I've caught bunches of turtles (mostly snappers, but some soft shells too)...my folks used to own a golf course and it was my job to remove them from the ponds. I started out like you Markfish....and found I could catch them on set lines. I pounder stakes with a mini sledge into the bank and tied the lines securely. This is the most inefficient method to remove the turtles however. You want to purchase a good extra large turtle trap (or a few). You can set the traps and have a 100% catch rate. I was generraly able to remove the turtles out of a pond in just a few days after I switched to using traps. 

Oh, and I've never seen an albino snapper...would be really cool to see.


----------



## markfish

i wish i had the money for one but things are tight right now,i got the right kind of netting just need to find a way to make some round hoops then this war,wouild end,markfish


----------



## streamstalker

Fish-N-Fool said:


> I've caught bunches of turtles (mostly snappers, but some soft shells too)...my folks used to own a golf course and it was my job to remove them from the ponds.
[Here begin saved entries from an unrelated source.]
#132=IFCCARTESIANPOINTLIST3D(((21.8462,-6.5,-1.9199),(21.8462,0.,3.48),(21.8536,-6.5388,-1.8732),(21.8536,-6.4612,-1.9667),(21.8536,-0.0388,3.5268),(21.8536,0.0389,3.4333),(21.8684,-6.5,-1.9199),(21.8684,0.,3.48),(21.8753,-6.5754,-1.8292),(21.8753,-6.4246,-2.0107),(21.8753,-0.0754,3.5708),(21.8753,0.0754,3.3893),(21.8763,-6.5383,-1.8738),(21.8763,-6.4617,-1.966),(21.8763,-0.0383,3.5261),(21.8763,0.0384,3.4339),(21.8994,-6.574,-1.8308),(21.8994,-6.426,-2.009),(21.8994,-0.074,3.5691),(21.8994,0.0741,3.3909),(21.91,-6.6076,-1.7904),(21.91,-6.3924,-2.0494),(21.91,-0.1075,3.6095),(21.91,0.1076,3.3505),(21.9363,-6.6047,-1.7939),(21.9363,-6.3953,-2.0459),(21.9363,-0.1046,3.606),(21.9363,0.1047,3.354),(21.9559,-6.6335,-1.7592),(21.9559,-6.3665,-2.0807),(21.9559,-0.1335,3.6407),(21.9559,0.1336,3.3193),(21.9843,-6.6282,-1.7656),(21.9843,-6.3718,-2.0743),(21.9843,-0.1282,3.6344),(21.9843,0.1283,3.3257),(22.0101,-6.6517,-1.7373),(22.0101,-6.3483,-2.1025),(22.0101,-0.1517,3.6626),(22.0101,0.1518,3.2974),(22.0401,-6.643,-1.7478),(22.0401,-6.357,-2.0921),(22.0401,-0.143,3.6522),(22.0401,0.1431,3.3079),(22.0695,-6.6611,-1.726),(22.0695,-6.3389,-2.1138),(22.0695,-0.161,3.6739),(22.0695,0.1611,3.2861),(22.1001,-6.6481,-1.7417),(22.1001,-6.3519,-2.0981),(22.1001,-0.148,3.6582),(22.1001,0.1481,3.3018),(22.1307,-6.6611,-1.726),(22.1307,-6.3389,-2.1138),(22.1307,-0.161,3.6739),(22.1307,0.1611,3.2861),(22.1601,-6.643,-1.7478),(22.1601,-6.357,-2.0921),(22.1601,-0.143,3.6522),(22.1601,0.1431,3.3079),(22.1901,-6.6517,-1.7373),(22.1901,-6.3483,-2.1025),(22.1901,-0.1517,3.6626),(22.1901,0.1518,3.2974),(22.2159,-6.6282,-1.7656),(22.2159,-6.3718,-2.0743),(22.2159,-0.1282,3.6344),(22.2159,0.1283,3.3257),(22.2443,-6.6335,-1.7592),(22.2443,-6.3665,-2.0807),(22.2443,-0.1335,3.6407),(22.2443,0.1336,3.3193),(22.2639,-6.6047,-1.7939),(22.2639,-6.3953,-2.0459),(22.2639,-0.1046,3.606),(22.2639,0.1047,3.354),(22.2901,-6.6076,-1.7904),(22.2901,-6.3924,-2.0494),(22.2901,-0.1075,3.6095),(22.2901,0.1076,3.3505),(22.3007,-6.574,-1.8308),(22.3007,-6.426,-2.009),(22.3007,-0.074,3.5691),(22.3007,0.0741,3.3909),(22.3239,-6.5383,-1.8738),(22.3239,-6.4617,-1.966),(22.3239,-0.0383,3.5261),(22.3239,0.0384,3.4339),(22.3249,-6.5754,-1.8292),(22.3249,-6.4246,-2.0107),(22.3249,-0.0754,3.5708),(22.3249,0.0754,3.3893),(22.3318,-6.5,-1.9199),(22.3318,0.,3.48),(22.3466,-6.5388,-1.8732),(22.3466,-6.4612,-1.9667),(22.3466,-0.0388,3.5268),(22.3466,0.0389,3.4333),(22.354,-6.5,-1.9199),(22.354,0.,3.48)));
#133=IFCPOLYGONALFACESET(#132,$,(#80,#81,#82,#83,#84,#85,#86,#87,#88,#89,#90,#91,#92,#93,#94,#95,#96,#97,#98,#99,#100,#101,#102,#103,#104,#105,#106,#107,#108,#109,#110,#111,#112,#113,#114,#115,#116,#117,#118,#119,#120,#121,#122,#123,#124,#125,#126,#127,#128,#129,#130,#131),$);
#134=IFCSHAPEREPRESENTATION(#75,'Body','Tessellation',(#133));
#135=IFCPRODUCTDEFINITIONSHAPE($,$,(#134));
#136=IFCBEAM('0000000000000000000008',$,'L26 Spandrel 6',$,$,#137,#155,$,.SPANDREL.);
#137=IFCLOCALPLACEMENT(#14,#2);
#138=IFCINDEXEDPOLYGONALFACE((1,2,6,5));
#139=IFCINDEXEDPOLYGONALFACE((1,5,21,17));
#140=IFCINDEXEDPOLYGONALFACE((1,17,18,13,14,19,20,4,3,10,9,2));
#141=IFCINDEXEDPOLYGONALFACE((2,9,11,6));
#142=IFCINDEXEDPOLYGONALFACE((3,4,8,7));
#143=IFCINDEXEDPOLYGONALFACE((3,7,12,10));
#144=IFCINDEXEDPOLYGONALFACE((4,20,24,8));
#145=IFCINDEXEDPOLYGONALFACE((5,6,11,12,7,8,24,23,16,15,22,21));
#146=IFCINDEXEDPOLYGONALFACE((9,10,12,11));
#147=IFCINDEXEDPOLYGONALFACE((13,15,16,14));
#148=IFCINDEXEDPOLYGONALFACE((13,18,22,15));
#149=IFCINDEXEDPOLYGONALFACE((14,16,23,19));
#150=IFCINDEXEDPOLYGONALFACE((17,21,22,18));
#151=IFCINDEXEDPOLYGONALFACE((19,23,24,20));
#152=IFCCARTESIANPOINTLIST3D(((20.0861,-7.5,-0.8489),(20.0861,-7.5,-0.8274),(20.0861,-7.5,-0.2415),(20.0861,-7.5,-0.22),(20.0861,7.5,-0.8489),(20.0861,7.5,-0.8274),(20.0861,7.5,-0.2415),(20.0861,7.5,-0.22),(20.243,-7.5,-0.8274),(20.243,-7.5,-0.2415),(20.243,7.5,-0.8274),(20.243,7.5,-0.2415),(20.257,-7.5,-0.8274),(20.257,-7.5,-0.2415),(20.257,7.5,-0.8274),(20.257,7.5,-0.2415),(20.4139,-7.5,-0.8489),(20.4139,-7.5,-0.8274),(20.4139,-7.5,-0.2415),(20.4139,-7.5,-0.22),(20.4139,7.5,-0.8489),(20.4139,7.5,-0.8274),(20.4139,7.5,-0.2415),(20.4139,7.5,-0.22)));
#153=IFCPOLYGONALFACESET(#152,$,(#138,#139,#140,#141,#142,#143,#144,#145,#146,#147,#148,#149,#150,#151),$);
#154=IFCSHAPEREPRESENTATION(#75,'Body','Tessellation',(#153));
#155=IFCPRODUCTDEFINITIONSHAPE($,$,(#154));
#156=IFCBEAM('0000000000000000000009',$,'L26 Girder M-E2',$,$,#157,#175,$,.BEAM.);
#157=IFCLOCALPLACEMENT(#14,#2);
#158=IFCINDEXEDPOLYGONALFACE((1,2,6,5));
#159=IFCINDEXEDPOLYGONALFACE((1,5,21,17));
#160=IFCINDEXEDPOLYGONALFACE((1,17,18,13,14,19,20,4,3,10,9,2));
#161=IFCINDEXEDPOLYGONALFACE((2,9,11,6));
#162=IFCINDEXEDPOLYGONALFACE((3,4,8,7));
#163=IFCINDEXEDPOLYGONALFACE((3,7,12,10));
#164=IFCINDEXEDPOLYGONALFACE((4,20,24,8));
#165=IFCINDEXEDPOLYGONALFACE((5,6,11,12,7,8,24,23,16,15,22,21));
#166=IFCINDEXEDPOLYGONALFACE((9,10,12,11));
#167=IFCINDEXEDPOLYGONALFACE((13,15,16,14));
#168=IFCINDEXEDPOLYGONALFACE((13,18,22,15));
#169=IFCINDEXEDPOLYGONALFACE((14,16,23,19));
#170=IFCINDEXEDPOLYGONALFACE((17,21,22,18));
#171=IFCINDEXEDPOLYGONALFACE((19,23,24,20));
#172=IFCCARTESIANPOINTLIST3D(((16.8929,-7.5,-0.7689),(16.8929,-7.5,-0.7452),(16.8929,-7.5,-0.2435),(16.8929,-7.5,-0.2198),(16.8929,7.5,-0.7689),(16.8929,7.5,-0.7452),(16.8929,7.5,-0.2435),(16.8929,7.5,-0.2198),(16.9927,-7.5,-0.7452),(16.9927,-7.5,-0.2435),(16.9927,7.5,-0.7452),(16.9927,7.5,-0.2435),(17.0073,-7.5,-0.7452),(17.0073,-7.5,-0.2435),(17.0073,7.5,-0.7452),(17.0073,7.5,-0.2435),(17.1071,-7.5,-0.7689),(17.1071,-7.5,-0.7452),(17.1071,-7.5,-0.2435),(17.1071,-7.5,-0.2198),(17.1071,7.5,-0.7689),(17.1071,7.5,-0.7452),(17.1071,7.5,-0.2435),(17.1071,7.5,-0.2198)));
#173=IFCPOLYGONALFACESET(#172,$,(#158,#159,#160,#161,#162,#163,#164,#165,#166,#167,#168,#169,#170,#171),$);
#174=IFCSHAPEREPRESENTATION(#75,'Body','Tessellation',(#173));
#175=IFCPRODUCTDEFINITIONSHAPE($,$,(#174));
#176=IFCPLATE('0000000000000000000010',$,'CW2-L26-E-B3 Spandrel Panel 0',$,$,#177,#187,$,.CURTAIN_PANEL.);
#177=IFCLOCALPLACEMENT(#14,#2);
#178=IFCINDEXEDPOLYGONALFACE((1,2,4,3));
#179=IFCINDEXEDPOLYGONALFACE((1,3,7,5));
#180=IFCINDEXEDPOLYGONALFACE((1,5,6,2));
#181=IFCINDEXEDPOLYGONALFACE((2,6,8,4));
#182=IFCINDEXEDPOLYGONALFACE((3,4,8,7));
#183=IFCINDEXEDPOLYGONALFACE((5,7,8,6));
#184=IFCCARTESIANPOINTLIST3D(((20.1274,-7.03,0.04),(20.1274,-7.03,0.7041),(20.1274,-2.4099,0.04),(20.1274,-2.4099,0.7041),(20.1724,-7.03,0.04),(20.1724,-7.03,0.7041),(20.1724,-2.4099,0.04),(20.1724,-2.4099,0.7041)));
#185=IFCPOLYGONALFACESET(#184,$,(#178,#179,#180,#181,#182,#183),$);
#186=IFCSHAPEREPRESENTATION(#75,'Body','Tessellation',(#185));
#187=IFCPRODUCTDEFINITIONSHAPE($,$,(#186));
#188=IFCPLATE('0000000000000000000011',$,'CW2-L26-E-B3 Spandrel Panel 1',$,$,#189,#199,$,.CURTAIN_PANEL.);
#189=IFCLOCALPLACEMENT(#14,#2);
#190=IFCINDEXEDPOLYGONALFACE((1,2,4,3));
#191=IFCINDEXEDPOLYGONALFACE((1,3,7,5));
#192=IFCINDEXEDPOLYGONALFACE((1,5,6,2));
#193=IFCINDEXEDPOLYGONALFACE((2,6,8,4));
I started out like you Markfish....and found I could catch them on set lines. I pounder stakes with a mini sledge into the bank and tied the lines securely. This is the most inefficient method to remove the turtles however. You want to purchase a good extra large turtle trap (or a few). You can set the traps and have a 100% catch rate. I was generraly able to remove the turtles out of a pond in just a few days after I switched to using traps.
> 
> Oh, and I've never seen an albino snapper...would be really cool to see.


I was driving by an AEP pond one day just as these guys were hauling out a trap with a snapper that looked like a manhole cover. Those were some happy dudes. They had grins like this:  I was amazed at the size of that thing.


----------



## JamesT

You're never going to catch/kill that thing.
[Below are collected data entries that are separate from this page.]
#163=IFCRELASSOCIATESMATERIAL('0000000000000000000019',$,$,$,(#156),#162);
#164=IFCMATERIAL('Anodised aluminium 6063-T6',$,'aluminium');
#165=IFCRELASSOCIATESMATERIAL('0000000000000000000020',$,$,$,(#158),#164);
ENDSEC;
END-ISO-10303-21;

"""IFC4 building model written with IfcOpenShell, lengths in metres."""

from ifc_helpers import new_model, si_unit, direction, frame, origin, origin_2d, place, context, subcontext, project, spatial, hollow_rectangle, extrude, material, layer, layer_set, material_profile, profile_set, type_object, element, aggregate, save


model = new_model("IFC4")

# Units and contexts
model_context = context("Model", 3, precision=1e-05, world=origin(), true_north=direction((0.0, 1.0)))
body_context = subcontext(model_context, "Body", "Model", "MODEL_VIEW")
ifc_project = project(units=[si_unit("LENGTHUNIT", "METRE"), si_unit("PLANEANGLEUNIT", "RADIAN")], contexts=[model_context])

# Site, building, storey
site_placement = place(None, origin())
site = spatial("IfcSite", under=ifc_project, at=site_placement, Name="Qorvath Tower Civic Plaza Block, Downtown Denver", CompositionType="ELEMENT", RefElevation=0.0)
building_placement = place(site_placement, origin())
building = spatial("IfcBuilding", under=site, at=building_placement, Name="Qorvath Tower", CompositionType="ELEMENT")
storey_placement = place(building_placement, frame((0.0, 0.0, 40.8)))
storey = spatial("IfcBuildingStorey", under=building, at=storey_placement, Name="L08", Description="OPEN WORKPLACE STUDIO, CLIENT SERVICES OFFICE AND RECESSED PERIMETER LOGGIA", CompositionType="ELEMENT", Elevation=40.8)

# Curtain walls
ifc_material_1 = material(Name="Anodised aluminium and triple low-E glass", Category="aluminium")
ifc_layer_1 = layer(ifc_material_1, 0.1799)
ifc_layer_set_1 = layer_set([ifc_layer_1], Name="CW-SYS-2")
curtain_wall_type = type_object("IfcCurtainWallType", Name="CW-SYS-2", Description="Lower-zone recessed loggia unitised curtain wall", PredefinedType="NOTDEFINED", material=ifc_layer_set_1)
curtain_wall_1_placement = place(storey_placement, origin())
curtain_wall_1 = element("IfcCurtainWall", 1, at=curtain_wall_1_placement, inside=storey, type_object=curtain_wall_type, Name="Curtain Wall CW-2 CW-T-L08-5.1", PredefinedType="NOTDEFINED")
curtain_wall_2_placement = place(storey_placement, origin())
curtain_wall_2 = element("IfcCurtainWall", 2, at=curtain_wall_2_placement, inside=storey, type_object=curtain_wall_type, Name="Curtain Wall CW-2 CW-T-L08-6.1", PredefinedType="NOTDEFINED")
And we're never gonna see pics.

Prove me wrong lol...


----------



## fish on!

How about a pool.
markfish VS. The Great White.

My money's on The Great White.

Sent from my DROIDX


----------



## MuskieJim

I hope that snapping turtle bites your thumb off. Truthfully. That way I don't have to read your horrible stories or typing ever again, lol. Have fun eating your delicious turtle.


----------



## Rod Hawg

I got Markfish. Go get em! Make me some Turtle Soup!


----------



## hang_loose

fish on! said:


> How about a pool.
> markfish VS. The Great White.
> 
> My money's on The Great White.
> 
> Sent from my DROIDX


"You're gonna need a bigger boat":T:fingers-crossed:


----------



## Bluefinn

Sounds like this turtle is getting the best of you. Take a break & regroup. Then hit him with everything you got . Can't wait to see a pic of this beast.


----------



## markfish

take a break today and bass fish mosquite lake and, for getting my thumb bit off and bad spelling,stick with them slime musky. porobley the only one you ever got,so please if you dont like the thread or how im posting stay out, and if you every need any tips on catching them slime muskys all help ya ,and for the good guy on here rooting for me i will get that beast,and like i said in post back a few days ago all are welcome to come see the beast with your own eyes,door is open,just cause you seen a monster 14 point buck dont mean your going to out smart him,but time is on my side and he loves to eat,i got some good big strong hooks yesterday and will set saturday night or sunday night. just depends how wore out i am from bassing all day,thanks too the good guys and your support and you will get pic;s,im not a quiter and will get mr,white,markfish


----------



## JamesT

JamesT said:


> You're never going to catch/kill that thing.
> 
> And we're never gonna see pics.


I agree! :S:S:S:S:S:S


----------



## fish on!

No matter who wins, this has got to be the best thread here.
I'm rooting for you markfish! 


(But I'm rooting for the turtle just a little bit more.)


----------



## sonar

I'M FOR MARK.-he's been tryi'n all he has!,!, to get,Mr White,and that turtle is teari'n up,, his, what sounds like a normally usual rig,,that would hold up,on a good sized turtle,,,aint even holding this Mr. White!!! I* want to see Markfish capture this beast,,and then take his picture & post it in a p.m. to the guys that didn't razz him!! ----->>>>>sonar<<<<<----- hey,"fish on!",, he'd need a LOT bigger hook to be able use me for BAIT!!besides I wouldn't be good for bait anyways,,,I haven't caught nothin' all summer!!!I would be turtle "repellent" !!!


----------



## Bluefinn

I've giving this some thought & after everything else failed I would find someone with a heavy cat or muskie rod with heavy braided line. Put a big treble hook on & bait the area. When he comes in snag him in the tail & pull him in tail first. If you snag him anywhere else he'll dig in like a mother . Pulling him in tail first he won't be able to get a good hold. Yep, thats what I would do. I would not shoot him because it might not kill him right away & if he swims off & dies you'll never see him again.. a turtle that size is a tough critter. I also would have someone video the tussle . I wish I lived closer, I would like to be in on it.


----------



## fish on!

sonar said:


> I'M FOR MARK.-he's been tryi'n all he has!,!, to get,Mr White,and that turtle is teari'n up,, his, what sounds like a normally usual rig,,that would hold up,on a good sized turtle,,,aint even holding this Mr. White!!! I* want to see Markfish capture this beast,,and then take his picture & post it in a p.m. to the guys that didn't razz him!! ----->>>>>sonar<<<<<----- hey,"fish on!",, he'd need a LOT bigger hook to be able use me for BAIT!!besides I wouldn't be good for bait anyways,,,I haven't caught nothin' all summer!!!I would be turtle "repellent" !!!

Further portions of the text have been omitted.